Films in the Animation strand at this year’s ASFF include Alisi Telengut’s Tears of Inge. In this short, a profound human-animal and human-nature relationship is represented by a painted world filled with a camel’s emotions, based on a real Mongolian nomadic story. Tears of Inge was painted frame by frame with the straight-ahead under-camera technique. It was painted on one piece of thick water colour paper with oil pastel and mixed painting materials. We speak to Telengut about telling a story through animation.
ASFF: Tears of Inge is based on a Mongolian nomadic story. What inspired you to tell this profound tale of a human-nature relationship?
AT: My grandmother did the narration and singing in the film. I was greatly influenced by my grandparents who used to live as nomads on the Mongolian grassland and they told me lots of stories and legends about nomadic life. Since this particular lifestyle is gradually disappearing, I want to represent the human-animal, human-nature relationship and nomadic traditions with animation as my medium.
ASFF: The animation short is entirely hand-painted. Why did you decide to use this medium?
AT: The film was made with the under-camera direct animation technique and it was painted frame-by-frame on a single piece of paper mainly with oil pastels. The movement was achieved by removing and adding colors every frame. I think it’s a way of time lapse photography of painting. I chose this particular technique because I like working with colors. I was influenced by my mother who wanted to become a painter. I remember we used to take a walk in the woods, and I was fascinated whenever I saw the colors and lights of trees changing with the sunlight. I always wanted to capture the stunning moments of the sceneries that had imprinted in my brain.

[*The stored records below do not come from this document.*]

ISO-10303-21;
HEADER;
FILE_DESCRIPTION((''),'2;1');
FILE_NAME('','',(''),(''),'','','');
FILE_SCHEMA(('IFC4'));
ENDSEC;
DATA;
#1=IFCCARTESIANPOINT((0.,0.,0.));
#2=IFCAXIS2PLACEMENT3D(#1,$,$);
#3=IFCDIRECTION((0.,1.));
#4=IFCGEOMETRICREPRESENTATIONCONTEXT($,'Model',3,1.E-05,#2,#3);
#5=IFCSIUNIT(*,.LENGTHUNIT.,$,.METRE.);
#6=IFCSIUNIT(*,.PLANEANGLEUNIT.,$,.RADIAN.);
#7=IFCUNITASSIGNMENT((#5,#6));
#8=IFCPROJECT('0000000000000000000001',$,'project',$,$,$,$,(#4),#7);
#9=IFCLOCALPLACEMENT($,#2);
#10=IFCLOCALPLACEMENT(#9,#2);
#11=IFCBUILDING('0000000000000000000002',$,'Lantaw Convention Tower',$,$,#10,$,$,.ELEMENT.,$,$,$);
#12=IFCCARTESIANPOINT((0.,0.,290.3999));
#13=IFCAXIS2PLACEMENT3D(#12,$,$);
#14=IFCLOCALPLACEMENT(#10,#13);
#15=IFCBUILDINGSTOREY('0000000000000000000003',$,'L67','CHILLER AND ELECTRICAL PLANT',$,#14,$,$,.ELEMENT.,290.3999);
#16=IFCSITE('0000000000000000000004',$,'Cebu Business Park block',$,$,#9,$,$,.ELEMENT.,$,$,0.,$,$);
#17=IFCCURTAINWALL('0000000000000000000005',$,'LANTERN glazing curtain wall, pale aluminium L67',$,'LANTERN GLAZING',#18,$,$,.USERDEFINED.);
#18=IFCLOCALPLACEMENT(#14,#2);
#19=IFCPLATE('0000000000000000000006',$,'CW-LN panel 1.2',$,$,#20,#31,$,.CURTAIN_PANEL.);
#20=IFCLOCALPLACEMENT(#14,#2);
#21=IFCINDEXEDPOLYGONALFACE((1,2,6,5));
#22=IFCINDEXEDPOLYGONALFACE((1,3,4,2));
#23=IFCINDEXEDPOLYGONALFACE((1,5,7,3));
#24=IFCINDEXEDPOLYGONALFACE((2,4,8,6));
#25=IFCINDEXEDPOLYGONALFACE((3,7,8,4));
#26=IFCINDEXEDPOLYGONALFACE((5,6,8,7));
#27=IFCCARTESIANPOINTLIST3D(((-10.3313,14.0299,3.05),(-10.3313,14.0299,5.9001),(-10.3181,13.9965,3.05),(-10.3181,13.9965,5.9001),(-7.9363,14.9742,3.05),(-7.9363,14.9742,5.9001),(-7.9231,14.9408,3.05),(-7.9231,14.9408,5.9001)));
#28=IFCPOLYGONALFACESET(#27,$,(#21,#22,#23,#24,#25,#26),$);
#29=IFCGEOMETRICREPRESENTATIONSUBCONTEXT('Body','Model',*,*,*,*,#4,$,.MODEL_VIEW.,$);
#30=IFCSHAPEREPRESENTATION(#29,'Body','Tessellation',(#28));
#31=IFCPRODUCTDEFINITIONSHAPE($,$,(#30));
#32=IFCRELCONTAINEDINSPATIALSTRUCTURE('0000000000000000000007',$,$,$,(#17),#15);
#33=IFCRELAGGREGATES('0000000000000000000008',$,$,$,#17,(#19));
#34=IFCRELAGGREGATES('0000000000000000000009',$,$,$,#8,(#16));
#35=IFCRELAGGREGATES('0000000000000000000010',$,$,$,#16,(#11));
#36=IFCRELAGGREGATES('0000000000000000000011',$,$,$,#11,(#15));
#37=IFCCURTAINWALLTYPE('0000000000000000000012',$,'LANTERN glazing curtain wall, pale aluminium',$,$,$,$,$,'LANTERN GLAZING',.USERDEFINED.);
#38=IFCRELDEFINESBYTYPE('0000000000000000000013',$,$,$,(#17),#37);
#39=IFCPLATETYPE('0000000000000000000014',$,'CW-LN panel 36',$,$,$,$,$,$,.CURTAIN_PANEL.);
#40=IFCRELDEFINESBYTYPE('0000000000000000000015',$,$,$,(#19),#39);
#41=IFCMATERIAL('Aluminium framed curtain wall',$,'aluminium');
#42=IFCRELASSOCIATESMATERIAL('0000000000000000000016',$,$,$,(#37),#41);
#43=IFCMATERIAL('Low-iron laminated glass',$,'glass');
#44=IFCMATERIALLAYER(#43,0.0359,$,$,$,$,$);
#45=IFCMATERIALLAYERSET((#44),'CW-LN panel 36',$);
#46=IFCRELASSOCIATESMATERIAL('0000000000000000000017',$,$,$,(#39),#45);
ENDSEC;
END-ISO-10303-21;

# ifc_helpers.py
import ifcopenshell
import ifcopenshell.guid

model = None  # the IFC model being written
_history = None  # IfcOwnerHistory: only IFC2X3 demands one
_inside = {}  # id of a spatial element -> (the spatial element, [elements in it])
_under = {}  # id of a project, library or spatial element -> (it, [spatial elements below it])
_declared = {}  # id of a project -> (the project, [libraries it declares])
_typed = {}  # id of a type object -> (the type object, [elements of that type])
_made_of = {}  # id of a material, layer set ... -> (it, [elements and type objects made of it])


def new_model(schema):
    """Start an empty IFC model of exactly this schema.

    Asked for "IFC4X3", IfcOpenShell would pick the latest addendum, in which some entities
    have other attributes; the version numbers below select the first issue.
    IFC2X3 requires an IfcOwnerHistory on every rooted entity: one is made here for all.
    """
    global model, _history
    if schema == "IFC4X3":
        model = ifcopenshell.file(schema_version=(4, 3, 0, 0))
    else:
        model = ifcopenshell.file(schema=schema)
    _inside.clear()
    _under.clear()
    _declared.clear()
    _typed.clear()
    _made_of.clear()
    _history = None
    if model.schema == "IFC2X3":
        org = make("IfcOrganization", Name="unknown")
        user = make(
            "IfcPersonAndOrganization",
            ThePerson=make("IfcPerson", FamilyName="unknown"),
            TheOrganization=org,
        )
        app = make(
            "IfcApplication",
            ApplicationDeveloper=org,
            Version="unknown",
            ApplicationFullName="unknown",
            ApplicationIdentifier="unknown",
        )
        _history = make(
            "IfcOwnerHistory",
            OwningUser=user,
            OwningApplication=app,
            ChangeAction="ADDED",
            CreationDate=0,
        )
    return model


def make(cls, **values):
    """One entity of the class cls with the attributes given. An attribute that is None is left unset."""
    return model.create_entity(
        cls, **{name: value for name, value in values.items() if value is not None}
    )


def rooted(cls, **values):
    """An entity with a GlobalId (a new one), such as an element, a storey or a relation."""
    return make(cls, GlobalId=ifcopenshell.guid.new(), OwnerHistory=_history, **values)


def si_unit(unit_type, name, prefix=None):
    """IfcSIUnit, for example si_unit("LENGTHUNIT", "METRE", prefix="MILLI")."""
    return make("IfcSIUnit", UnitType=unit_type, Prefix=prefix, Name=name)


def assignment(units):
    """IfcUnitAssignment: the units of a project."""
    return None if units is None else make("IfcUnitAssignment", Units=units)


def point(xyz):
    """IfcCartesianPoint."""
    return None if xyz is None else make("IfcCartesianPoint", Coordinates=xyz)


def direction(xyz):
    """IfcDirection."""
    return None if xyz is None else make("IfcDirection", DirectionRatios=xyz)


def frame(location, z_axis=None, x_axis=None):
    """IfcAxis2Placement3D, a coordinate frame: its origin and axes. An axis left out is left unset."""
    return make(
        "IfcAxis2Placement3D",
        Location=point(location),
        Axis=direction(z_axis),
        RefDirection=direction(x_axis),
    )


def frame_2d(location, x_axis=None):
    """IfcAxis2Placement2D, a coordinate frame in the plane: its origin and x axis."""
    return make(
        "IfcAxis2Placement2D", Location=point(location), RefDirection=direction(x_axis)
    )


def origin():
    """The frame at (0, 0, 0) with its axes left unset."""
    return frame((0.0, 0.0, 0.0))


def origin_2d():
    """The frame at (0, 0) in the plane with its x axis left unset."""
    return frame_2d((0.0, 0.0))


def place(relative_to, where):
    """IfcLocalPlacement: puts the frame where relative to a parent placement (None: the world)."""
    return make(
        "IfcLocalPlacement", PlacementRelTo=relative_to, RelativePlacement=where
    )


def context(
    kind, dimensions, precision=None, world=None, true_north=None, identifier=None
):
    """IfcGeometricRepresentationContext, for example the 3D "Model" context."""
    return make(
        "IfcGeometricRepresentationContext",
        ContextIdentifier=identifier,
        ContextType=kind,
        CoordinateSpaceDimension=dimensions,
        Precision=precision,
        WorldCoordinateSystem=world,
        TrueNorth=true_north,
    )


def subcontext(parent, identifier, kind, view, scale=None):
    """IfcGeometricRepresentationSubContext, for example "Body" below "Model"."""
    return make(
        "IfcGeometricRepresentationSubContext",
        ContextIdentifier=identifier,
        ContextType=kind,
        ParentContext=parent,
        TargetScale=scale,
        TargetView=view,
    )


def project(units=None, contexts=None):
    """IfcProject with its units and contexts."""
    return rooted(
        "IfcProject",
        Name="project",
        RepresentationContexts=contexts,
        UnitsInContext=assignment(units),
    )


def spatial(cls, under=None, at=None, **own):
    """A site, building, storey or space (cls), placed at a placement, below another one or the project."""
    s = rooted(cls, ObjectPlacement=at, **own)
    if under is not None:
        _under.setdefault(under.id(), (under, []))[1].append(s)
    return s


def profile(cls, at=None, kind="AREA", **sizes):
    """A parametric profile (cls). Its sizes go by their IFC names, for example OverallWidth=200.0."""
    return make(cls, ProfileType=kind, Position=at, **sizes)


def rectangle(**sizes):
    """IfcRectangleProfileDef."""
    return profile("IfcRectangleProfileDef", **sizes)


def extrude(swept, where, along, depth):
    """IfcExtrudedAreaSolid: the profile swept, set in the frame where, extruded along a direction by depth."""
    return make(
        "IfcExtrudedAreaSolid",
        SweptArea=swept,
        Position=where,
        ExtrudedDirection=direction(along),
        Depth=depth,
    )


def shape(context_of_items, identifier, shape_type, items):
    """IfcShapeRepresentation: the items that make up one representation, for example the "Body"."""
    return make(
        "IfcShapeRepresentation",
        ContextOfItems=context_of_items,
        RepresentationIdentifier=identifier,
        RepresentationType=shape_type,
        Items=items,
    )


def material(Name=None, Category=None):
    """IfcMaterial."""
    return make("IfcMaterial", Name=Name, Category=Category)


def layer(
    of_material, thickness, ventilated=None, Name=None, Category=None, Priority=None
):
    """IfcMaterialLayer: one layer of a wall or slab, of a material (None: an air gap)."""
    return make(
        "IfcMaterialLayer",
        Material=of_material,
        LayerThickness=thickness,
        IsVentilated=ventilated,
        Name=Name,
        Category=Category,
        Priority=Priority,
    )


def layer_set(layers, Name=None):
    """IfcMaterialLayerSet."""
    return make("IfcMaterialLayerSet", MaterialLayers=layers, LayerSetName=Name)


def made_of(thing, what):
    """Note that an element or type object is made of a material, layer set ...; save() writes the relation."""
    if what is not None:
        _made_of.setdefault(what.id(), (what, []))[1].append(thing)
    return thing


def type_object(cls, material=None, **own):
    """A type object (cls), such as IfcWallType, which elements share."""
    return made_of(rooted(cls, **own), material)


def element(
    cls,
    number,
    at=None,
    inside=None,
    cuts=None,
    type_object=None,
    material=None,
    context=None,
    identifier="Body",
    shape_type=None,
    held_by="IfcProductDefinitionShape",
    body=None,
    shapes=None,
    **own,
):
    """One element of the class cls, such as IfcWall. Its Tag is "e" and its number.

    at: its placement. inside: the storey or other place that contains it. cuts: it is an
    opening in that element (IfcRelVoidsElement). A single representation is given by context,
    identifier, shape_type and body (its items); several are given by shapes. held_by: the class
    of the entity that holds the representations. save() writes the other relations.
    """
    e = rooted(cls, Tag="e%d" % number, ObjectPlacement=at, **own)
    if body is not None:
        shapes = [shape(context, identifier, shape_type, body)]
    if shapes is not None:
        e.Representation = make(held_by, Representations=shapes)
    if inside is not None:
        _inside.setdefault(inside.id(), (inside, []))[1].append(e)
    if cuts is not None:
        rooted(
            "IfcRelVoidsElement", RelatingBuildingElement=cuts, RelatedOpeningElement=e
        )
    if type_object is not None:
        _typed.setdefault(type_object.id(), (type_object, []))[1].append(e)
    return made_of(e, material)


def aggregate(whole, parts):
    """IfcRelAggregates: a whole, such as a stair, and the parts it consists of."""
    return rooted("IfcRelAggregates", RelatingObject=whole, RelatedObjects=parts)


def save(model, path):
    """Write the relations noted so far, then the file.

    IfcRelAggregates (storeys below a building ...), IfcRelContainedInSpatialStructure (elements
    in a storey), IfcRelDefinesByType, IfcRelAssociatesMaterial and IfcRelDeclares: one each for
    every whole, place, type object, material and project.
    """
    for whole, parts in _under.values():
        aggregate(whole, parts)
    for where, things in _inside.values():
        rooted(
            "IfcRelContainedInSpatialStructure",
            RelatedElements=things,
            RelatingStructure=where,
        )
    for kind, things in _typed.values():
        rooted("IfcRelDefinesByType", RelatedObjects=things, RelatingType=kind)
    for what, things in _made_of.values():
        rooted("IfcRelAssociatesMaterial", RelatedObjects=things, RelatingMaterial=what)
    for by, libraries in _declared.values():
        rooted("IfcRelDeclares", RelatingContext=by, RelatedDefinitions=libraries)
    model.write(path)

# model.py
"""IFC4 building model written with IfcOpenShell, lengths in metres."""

from ifc_helpers import new_model, si_unit, direction, frame, origin, origin_2d, place, context, subcontext, project, spatial, rectangle, extrude, material, layer, layer_set, type_object, element, aggregate, save


model = new_model("IFC4")

# Units and contexts
model_context = context("Model", 3, precision=1e-05, world=origin(), true_north=direction((0.0, 1.0)))
body_context = subcontext(model_context, "Body", "Model", "MODEL_VIEW")
ifc_project = project(units=[si_unit("LENGTHUNIT", "METRE"), si_unit("PLANEANGLEUNIT", "RADIAN")], contexts=[model_context])

# Site, building, storey
site_placement = place(None, origin())
site = spatial("IfcSite", under=ifc_project, at=site_placement, Name="Cebu Business Park block", CompositionType="ELEMENT", RefElevation=0.0)
building_placement = place(site_placement, origin())
building = spatial("IfcBuilding", under=site, at=building_placement, Name="Lantaw Convention Tower", CompositionType="ELEMENT")
storey_placement = place(building_placement, frame((0.0, 0.0, 290.3999)))
storey = spatial("IfcBuildingStorey", under=building, at=storey_placement, Name="L67", Description="CHILLER AND ELECTRICAL PLANT", CompositionType="ELEMENT", Elevation=290.3999)

# Shared definitions
ifc_material_1 = material(Name="Aluminium framed curtain wall", Category="aluminium")
curtain_wall_type = type_object("IfcCurtainWallType", Name="LANTERN glazing curtain wall, pale aluminium", ElementType="LANTERN GLAZING", PredefinedType="USERDEFINED", material=ifc_material_1)

# Curtain wall
curtain_wall_1_placement = place(storey_placement, origin())
curtain_wall_1 = element("IfcCurtainWall", 1, at=curtain_wall_1_placement, inside=storey, type_object=curtain_wall_type, Name="LANTERN glazing curtain wall, pale aluminium L67", ObjectType="LANTERN GLAZING", PredefinedType="USERDEFINED")

# Plate
ifc_material_2 = material(Name="Low-iron laminated glass", Category="glass")
ifc_layer = layer(ifc_material_2, 0.0359)
ifc_layer_set = layer_set([ifc_layer], Name="CW-LN panel 36")
plate_type = type_object("IfcPlateType", Name="CW-LN panel 36", PredefinedType="CURTAIN_PANEL", material=ifc_layer_set)
plate_1_placement = place(storey_placement, frame((-9.1272, 14.4854, 3.05), z_axis=(0.0, 0.0, 1.0), x_axis=(-0.930299, -0.366802, 0.0)))
plate_1 = element("IfcPlate", 2, at=plate_1_placement, type_object=plate_type, Name="CW-LN panel 1.2", PredefinedType="CURTAIN_PANEL", context=body_context, shape_type="SweptSolid", body=[
    extrude(rectangle(XDim=2.5745, YDim=0.0359, at=origin_2d()), origin(), (0.0, 0.0, 1.0), 2.8501),
])
aggregate(curtain_wall_1, [plate_1])

save(model, "model.ifc")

ASFF: Did you encounter any difficulties during the project?
AT: From the idea development, research, though to the actual filming, making Tears of Inge required a lot of patience and time in solitude. I had to spend lots of time animating and shooting in a dark room. Also, because of the straight-ahead animation technique, I couldn’t go back to reshoot a frame when I made a mistake during the filming process. I had to live with the mistakes and tried to find ways to save them from getting worse.
ASFF: In your opinion, can traditional rituals or stories survive in modern-day societies?
AT: Traditional rituals and stories often have spiritual, meaningful and social goals. Even though they have survived in modern societies in a reduced level, I think people always have interests in reviving traditions in their cultures.
ASFF: Do you have any upcoming projects or screenings?
AT: Currently I’m working on an animated film based on the history and memories of the Kalmyk ethnic minority. It’s a lyrical representation of their diasporic and transnational identity. It will be completed in the summer of 2015.